Ay gelgit basıncından sorumludur
Ay’ın astronomik ve fiziksel olarak birincil sorumluluğu, Dünya’daki gelgit hareketinin sürdürülmesidir. Ay’ın dünyamızın çevresini dolaşırken aldığı sürekli sarmal desen, okyanusların sularını, yüksek ve düşük gelgitler arasındaki küçük bir değişiklikten (belki bir metreden daha az) onlarca veya düzinelerce önemli bir aralığa kadar değişebilen sabit bir dalgalanma içinde çeker. Liverpool Üniversitesi Ulusal Gelgit ve Deniz Seviyesi Tesisine göre metre cinsinden .
Dünya’nın yerçekimi Ay’ı sabit bir yörüngeye kilitlerken, Ay’ın rekabet halindeki yerçekimi kuvveti, okyanus ve deniz sularını kendi çekimine doğru çeker ve yüksek gelgitler arasında yaklaşık 12,5 saatlik bir toplam döngüde ileri geri dalgalanır.
Ay Dünya’ya çarpacak olsaydı, hemen fark edilecek ilk değişiklik, gelgit programlarının ve yükselişinin muazzam değişimidir. Kurzgesagt, Ay’ın – Dünya’ya çarpabilirse – yörüngede dönmeye devam edeceğini ve gezegene ulaşana kadar daha küçük devreler oluşturacağını bildiriyor. Bu, Ay yaklaşmaya devam ettikçe büyük bir gelgit momentumuyla sonuçlanacaktı. Sonunda, gelgit suları, bir tür komedi, kozmik alay hareketiyle (Kurzgesagt aracılığıyla) tekrar dışarı akmadan önce yüzlerce fit yüksekliğinde tsunamiler şeklinde karaya akın edecekti. Tüm bunlar, tuzlu su, gelgit gerileme dönemlerinde bile ekinleri, toprağı ve akiferleri yok edeceğinden, araziyi çorak bırakacaktı.
Bir ay çarpışması, önceki yok olma olaylarına benzer koşullar yaratacaktır
Ay, ister fiziksel olarak Dünya’ya çarpmayı başarmış, ister sonunda bir halka olarak yörüngeye yerleşen daha küçük parçalara ayrılıp parçalanmış olsun, Dünya, eninde sonunda, bilim adamlarının tarihteki en önemli kitlesel yok oluş olaylarından birine atfettikleri koşullara benzer koşullar yaşayacaktı. gezegen.
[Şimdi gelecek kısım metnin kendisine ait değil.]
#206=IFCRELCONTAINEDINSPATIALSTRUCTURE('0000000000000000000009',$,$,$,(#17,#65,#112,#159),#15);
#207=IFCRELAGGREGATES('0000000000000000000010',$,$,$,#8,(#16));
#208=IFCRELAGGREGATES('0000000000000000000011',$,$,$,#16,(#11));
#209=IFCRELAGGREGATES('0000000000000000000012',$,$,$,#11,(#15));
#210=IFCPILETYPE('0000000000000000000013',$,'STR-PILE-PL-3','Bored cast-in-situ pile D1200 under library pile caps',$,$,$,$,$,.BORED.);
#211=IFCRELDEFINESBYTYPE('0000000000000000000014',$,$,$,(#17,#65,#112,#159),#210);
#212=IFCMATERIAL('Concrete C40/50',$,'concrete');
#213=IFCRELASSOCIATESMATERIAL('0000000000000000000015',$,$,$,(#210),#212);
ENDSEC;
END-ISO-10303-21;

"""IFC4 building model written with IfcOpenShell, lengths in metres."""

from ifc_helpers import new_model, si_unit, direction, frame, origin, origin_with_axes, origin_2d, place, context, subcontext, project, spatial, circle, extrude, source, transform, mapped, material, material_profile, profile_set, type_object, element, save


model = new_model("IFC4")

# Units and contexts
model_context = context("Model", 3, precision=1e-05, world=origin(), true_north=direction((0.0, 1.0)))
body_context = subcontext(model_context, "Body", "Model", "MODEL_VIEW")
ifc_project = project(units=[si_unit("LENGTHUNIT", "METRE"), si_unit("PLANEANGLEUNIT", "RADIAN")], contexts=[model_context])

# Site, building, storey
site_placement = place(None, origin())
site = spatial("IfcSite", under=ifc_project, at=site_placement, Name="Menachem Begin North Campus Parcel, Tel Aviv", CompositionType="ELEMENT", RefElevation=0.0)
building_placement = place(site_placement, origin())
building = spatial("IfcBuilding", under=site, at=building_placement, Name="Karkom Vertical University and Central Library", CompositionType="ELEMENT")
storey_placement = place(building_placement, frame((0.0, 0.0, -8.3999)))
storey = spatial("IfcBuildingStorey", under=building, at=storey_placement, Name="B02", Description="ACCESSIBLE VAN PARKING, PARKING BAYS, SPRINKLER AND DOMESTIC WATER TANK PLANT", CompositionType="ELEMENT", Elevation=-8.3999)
Fosil olarak kristalize olan birçok kitlesel yok oluş olmasına rağmen ( Amerikan Doğa Tarihi Müzesi aracılığıyla ), Kretase-Tersiyer nesli (KT nesli) hakkında en çok konuşulanı ve esasen araştırmacılar için ilginç olanı.
65 milyon yıl önce, bir şey Dünya’nın ikliminin dramatik bir şekilde değişmesine neden oldu ve bu, manzarayı gezegenin birikmiş bitki ve hayvan yaşamı için elverişsiz hale getirdi . Araştırmacılar bir dizi olasılığı araştırdı, ancak belki de en muhtemel olanı, atmosfere ve düşük Dünya yörüngesine uçarak hesaplanamaz miktarda enkaz gönderen devasa bir asteroidin etkisidir.
Bu enkaz bulutu güneşi kararttı ve mevcut ekosistemin kendini destekleme yeteneğini önemli ölçüde değiştirdi. Ek olarak, volkanik aktivite çarpışmadan sonra yeniden başlamış gibi görünüyor ve üçüncül yaşamı daha da tehdit ediyor.
Ay’dan gelen etki, sonsuz yıllar hatta on yıllar boyunca gökyüzünü silerken, eski volkanik Dünya’ya kesinlikle bir dönüş yaratacaktır. Böyle bir çarpışma, bildiğimiz şekliyle yaşamı sona erdirecek ve Dünya’yı bir kez daha başlamayı bekleyen ilkel bir duruma geri döndürecektir.